American researchers have just identified two compounds with antibacterial properties which could eventually result in the development of antibiotics against tuberculosis.
- Both compounds target the DNA gyrase of the bacterium responsible for tuberculosis, a protein essential for its replication.
- No resistance to both compounds was found, paving the way for the development of new antibiotics against tuberculosis.
Contagious lung disease due to infection with Koch’s bacillus (Mycobacterium tuberculosis), tuberculosis is sometimes considered a disease of the past. However, a recent report by the World Health Organization (WHO) showed that with 1.5 million deaths worldwide in 2017, tuberculosis is currently more deadly than HIV (770,000 deaths in 2018). In addition, in 2018, 10 million people would have contracted tuberculosis, i.e. 5.7 million adult men, 3.2 million adult women and one million children.

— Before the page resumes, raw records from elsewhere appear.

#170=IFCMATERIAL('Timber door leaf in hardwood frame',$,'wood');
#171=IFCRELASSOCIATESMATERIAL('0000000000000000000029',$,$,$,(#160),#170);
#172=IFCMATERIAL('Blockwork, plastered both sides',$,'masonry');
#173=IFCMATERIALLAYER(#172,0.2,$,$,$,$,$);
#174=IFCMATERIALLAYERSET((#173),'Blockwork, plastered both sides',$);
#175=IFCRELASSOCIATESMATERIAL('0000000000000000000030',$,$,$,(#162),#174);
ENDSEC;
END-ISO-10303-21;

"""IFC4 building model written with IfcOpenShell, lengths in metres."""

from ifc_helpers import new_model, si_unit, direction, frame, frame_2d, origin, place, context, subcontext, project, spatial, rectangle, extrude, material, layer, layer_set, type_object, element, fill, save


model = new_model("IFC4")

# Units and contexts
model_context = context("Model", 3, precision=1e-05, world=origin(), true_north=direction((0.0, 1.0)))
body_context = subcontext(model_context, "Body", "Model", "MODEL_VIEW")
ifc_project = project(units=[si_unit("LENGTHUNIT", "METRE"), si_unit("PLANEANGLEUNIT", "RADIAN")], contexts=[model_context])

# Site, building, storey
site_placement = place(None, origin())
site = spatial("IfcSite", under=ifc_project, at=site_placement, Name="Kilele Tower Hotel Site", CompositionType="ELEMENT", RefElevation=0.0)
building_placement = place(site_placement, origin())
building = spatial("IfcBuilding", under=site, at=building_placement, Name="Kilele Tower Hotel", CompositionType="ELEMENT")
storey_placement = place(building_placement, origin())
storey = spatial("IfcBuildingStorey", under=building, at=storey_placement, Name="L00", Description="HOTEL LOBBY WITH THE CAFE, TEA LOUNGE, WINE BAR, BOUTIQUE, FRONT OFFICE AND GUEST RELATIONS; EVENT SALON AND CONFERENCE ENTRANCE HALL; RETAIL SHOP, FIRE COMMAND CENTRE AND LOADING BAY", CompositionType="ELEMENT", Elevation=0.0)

Although there is now a vaccine against tuberculosis, as well as five major anti-tuberculosis drugs (rifampicin, isoniazid, ethambutol, streptomycin, and pyrazinamide), the fight against the disease is far from over. Indeed, in France and in other countries, there are resistant tuberculosis bacteria, which can resist a single drug or several, including the two most effective (isoniazid and rifampicin), or even all existing drugs.
The search for new antibiotics is therefore essential to counter this multi-resistance of the bacteria responsible for tuberculosis. Thanks to a discovery by researchers at the John Innes Center in the UK, that may soon be the case. In a study published in the Journal of Antimicrobial Chemotherapythey explain that they have evaluated two compounds with antibacterial properties that make serious antibiotic candidates for the fight against tuberculosis.
Two compounds that do not cause bacterial resistance
As the research team explains in a statement, the strategy for finding new treatments is to find compounds that exploit existing well-known targets for drugs. Target of many antibiotics, DNA gyrase is a specific protein of bacteria, which is essential for the replication of their circular chromosome.
These new compounds also seek to inhibit its activity. Using X-ray crystallography, the research team developed two compounds that target the DNA gyrase of bacteria that cause tuberculosis. They discovered that, surprisingly, a very common DNA gyrase mutation that makes bacteria resistant to a related group of antibiotics, the aminocoumarins, did not induce resistance to the compounds examined here.
“We hope that companies and academic groups working to develop new antibiotics will find this study useful. It paves the way for synthesis and further study of compounds that interact with this target.”said Professor Tony Maxwell, one of the lead authors of the work.
“Antimicrobial resistance is now well recognized as one of the biggest issues facing us in the 21stand century. If we don’t quickly find solutions to this problem, we could see outbreaks of bacterial diseases in the future. People know about the bubonic plague and other such terrible plagues by studying history, but it is no exaggeration to say that bacterial diseases of this type could reappear if we do not have effective antibiotics. We need to find a way to bring together the expertise of academia and business for decisive action“, he added.